The authors have declared that no competing interests exist.

Figures

Figure 1
Figure 1. Swd2.2 antagonizes the association of Condensin with chromatin.
A. Serial dilutions of the indicated strains were plated on rich media at the indicated temperatures. B. Chromosome segregation in anaphase was visualized after tubulin staining in cells of the indicated genotypes grown for one generation at 34°C. C. Anaphases were scored as defective when chromatin was detected lagging between the two main DNA masses. For each genotype, a minimum of 6 independent experiments was performed in which a minimum of 100 anaphase cells was scored. ***p<0,001 Wilcoxon - Mann Whitney. D and E. Same as A and C, except that in E, 3 independent experiments were performed. F. The indicated strains were grown at 34°C for 3 hours and ChIP-qPCR was performed to analyze the amount of Cut14-GFP cross-linked to chromatin (mean ± standard deviation from 6 biological replicates). See text for details for the statistical analysis of the experiments.
Figure 2
Figure 2. Lack of Swd2.2 reduces the association of the RNA Pol III transcription machinery with chromatin.
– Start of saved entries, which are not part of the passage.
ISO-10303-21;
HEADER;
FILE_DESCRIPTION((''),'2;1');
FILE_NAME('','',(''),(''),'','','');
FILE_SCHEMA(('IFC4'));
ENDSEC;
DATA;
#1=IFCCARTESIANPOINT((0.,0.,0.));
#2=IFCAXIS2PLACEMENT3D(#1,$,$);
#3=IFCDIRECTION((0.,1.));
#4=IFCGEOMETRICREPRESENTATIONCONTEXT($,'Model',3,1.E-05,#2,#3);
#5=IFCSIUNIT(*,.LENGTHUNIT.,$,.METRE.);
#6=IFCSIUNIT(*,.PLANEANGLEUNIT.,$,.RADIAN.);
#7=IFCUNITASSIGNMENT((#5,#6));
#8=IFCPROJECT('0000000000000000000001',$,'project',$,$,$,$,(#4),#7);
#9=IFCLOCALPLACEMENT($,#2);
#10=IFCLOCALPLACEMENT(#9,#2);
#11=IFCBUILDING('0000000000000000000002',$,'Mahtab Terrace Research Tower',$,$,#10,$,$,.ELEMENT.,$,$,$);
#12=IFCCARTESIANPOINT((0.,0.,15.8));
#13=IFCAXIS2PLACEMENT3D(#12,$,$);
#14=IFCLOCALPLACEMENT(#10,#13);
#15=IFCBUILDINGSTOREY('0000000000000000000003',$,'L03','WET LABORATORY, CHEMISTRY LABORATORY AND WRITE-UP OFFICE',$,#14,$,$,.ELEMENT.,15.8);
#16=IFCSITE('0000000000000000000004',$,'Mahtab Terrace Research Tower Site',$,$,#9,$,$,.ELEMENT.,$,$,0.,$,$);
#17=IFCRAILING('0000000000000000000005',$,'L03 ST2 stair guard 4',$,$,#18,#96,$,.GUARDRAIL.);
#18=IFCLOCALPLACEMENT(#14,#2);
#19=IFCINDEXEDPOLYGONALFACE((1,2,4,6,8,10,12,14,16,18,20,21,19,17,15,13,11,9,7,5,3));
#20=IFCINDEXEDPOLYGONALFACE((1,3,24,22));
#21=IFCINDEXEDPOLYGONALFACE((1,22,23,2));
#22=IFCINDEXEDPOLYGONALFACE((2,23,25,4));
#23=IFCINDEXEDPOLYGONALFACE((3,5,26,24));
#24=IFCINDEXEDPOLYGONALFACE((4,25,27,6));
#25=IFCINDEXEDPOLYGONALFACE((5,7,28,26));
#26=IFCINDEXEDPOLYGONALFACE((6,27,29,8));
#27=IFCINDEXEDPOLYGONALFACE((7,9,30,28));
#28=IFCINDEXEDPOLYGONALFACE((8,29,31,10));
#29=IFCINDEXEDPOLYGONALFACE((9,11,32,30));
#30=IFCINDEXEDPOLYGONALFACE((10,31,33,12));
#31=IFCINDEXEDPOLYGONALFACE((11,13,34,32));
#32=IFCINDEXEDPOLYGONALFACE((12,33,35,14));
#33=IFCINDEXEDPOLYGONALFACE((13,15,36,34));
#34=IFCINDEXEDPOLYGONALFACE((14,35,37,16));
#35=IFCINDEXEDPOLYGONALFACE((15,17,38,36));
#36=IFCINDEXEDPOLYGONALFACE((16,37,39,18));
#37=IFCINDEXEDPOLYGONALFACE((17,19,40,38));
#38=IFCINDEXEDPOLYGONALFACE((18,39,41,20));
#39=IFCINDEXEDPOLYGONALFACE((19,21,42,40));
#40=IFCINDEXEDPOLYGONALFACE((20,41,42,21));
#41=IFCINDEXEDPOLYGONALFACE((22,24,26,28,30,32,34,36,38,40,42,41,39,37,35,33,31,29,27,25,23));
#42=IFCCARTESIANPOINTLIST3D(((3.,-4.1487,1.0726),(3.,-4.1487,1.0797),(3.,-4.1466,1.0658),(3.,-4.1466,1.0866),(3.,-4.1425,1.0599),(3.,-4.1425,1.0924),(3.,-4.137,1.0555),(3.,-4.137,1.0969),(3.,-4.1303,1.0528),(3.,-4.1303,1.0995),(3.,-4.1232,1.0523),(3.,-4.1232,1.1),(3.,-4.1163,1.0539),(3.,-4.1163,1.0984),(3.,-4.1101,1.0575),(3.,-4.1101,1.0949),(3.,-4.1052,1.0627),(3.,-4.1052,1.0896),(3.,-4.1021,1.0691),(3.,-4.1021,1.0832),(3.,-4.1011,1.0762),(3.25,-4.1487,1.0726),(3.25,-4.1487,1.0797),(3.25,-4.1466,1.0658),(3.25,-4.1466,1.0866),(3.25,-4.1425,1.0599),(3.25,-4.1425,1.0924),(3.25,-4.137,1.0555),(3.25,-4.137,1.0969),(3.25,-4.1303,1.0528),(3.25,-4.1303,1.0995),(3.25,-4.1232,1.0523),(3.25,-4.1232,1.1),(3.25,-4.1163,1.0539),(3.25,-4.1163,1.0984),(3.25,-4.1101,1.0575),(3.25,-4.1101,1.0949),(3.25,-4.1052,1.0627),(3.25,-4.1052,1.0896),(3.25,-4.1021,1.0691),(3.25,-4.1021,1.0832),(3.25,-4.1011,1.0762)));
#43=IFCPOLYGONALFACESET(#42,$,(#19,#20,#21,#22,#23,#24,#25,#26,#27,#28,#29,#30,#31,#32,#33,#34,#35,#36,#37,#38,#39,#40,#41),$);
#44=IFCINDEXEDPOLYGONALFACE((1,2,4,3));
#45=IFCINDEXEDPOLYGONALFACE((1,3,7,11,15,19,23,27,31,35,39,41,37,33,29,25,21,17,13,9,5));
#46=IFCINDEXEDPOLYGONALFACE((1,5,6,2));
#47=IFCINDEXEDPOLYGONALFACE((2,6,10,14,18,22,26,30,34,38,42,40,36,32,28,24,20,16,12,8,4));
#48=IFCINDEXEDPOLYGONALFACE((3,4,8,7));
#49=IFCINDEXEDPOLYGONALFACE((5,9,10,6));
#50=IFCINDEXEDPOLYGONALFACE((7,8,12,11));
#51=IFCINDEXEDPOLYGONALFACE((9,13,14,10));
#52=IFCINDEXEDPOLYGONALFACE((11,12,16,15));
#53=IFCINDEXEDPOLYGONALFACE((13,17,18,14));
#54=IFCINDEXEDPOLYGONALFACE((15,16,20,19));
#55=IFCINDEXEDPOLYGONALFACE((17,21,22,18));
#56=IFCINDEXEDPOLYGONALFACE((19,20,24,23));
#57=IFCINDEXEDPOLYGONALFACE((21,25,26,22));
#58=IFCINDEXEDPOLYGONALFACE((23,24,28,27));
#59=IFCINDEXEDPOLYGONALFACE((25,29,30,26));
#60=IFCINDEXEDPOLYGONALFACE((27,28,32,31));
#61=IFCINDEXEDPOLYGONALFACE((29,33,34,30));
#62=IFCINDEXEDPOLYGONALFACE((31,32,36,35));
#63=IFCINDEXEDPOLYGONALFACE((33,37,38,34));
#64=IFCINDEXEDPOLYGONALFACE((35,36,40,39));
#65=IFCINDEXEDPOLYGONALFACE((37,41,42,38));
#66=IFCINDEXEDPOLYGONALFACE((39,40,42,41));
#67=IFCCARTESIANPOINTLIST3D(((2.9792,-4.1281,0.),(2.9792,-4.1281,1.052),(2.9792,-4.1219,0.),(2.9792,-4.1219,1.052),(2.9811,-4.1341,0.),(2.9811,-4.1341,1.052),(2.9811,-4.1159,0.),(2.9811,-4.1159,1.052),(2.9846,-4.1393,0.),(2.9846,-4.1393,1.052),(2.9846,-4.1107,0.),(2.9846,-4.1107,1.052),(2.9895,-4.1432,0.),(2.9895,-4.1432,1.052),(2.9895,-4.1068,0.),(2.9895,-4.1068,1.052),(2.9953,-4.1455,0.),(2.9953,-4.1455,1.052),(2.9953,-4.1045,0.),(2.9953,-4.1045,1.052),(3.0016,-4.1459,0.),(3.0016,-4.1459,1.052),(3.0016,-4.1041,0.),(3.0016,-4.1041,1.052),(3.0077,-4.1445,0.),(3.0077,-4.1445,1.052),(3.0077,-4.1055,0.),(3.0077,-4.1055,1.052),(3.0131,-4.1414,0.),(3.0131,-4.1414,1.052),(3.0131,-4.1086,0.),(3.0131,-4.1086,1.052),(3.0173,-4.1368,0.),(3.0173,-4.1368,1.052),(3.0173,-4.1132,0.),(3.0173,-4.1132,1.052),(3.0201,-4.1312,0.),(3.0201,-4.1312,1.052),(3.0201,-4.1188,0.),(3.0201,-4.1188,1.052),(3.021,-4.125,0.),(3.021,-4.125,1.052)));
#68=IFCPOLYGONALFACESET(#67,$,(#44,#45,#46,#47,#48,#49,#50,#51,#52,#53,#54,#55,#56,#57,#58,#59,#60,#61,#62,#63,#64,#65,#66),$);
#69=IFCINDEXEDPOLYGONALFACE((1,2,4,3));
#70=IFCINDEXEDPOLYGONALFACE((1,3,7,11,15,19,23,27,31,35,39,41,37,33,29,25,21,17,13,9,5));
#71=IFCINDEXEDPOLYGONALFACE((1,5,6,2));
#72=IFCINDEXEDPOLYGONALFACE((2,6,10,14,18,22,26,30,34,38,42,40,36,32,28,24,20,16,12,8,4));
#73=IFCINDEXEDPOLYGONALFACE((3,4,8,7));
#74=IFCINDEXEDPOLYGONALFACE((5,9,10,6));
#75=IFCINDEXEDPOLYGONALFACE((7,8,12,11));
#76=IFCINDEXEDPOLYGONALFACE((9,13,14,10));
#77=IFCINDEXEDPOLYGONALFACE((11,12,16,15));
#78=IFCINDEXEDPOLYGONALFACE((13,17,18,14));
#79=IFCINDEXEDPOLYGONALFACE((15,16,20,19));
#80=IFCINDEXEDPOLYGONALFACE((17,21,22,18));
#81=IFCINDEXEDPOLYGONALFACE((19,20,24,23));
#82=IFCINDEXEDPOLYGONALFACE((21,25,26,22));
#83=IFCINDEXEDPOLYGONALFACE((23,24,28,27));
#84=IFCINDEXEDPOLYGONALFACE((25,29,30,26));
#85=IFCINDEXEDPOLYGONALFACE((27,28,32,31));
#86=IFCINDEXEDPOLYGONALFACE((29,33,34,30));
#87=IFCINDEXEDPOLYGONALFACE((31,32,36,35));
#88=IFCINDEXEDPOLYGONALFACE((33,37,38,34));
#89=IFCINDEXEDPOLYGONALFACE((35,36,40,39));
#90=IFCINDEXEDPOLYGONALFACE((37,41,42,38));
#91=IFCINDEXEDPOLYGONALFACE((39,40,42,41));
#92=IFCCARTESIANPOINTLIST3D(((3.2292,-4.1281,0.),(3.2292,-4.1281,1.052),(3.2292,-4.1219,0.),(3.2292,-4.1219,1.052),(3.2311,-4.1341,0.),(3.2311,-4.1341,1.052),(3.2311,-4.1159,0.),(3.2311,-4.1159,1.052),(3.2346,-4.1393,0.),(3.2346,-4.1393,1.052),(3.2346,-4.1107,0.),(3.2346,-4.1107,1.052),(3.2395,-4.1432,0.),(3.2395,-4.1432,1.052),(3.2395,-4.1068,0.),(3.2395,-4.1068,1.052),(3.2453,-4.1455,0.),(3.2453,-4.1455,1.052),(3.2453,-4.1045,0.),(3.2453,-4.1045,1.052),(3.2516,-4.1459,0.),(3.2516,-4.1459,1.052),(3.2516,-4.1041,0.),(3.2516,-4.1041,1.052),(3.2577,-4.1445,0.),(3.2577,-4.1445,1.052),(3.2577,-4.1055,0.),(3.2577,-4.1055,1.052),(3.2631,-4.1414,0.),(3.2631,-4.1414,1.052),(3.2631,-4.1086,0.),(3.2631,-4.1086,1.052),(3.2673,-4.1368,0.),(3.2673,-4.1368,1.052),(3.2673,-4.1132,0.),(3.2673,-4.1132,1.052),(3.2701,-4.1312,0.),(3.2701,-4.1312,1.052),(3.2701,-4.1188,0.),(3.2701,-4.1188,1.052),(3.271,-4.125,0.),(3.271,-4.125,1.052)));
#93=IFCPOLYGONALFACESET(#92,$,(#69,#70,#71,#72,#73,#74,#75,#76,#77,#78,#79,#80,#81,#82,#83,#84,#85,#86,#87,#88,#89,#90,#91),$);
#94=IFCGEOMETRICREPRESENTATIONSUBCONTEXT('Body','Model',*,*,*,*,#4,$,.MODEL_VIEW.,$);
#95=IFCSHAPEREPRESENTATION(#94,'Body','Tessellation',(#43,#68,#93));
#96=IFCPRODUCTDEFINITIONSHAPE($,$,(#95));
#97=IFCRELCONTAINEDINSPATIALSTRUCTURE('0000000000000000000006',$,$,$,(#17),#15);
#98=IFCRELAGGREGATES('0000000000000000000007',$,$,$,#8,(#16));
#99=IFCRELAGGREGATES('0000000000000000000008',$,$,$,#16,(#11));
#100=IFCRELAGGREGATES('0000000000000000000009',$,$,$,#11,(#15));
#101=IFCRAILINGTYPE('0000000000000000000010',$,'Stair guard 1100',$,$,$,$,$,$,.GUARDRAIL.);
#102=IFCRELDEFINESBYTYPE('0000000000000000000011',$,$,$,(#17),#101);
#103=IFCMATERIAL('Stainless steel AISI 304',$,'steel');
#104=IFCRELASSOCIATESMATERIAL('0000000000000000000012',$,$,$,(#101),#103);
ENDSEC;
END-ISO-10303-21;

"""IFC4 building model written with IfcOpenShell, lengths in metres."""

from ifc_helpers import new_model, si_unit, direction, frame, origin, origin_2d, place, context, subcontext, project, spatial, circle, extrude, material, type_object, element, save


model = new_model("IFC4")

# Units and contexts
model_context = context("Model", 3, precision=1e-05, world=origin(), true_north=direction((0.0, 1.0)))
body_context = subcontext(model_context, "Body", "Model", "MODEL_VIEW")
ifc_project = project(units=[si_unit("LENGTHUNIT", "METRE"), si_unit("PLANEANGLEUNIT", "RADIAN")], contexts=[model_context])

# Site, building, storey
site_placement = place(None, origin())
site = spatial("IfcSite", under=ifc_project, at=site_placement, Name="Mahtab Terrace Research Tower Site", CompositionType="ELEMENT", RefElevation=0.0)
building_placement = place(site_placement, origin())
building = spatial("IfcBuilding", under=site, at=building_placement, Name="Mahtab Terrace Research Tower", CompositionType="ELEMENT")
storey_placement = place(building_placement, frame((0.0, 0.0, 15.8)))
storey = spatial("IfcBuildingStorey", under=building, at=storey_placement, Name="L03", Description="WET LABORATORY, CHEMISTRY LABORATORY AND WRITE-UP OFFICE", CompositionType="ELEMENT", Elevation=15.8)

# Railing
ifc_material_1 = material(Name="Stainless steel AISI 304", Category="steel")
railing_type_1 = type_object("IfcRailingType", Name="Stair guard 1100", PredefinedType="GUARDRAIL", material=ifc_material_1)
railing_1_placement = place(storey_placement, frame((3.0, -4.125, 0.0)))
element("IfcRailing", 1, at=railing_1_placement, inside=storey, type_object=railing_type_1, Name="L03 ST2 stair guard 4", PredefinedType="GUARDRAIL", context=body_context, shape_type="SweptSolid", body=[
    extrude(circle(Radius=0.0239, at=origin_2d()), frame((0.0, 0.0, 1.0762), z_axis=(1.0, 0.0, 0.0), x_axis=(0.0, 1.0, 0.0)), (0.0, 0.0, 1.0), 0.25),
    extrude(circle(Radius=0.021, at=origin_2d()), origin(), (0.0, 0.0, 1.0), 1.052),
    extrude(circle(Radius=0.021, at=origin_2d()), frame((0.25, 0.0, 0.0)), (0.0, 0.0, 1.0), 1.052),
])

save(model, "model.ifc")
A. Asynchronous populations of the indicated strains were grown at 30°C and ChIP-qPCR was performed to analyze the amount of Swd2.2-3flag cross-linked to chromatin (mean ± standard deviation from 4 biological replicates). BC. ChIP qPCR analysis of the indicated strains grown at 30°C. Mean ± standard deviation from 5 biological replicates. *<0,05; **<0,01; Wilcoxon - Mann Whitney. D. Western blot analysis of total protein extracts of the indicated strains. Tubulin (TAT1 antibody) is used as a loading control. E. qRT-PCR analysis of sfc6 expression in swd2.2+ and swd2.2Δ cells (mean ± standard deviation from 3 biological replicates) F. Serial dilutions of the indicated strains were plated on rich media at the indicated temperatures.
Figure 3
Figure 3. Swd2.2 facilitates the function of the CPF.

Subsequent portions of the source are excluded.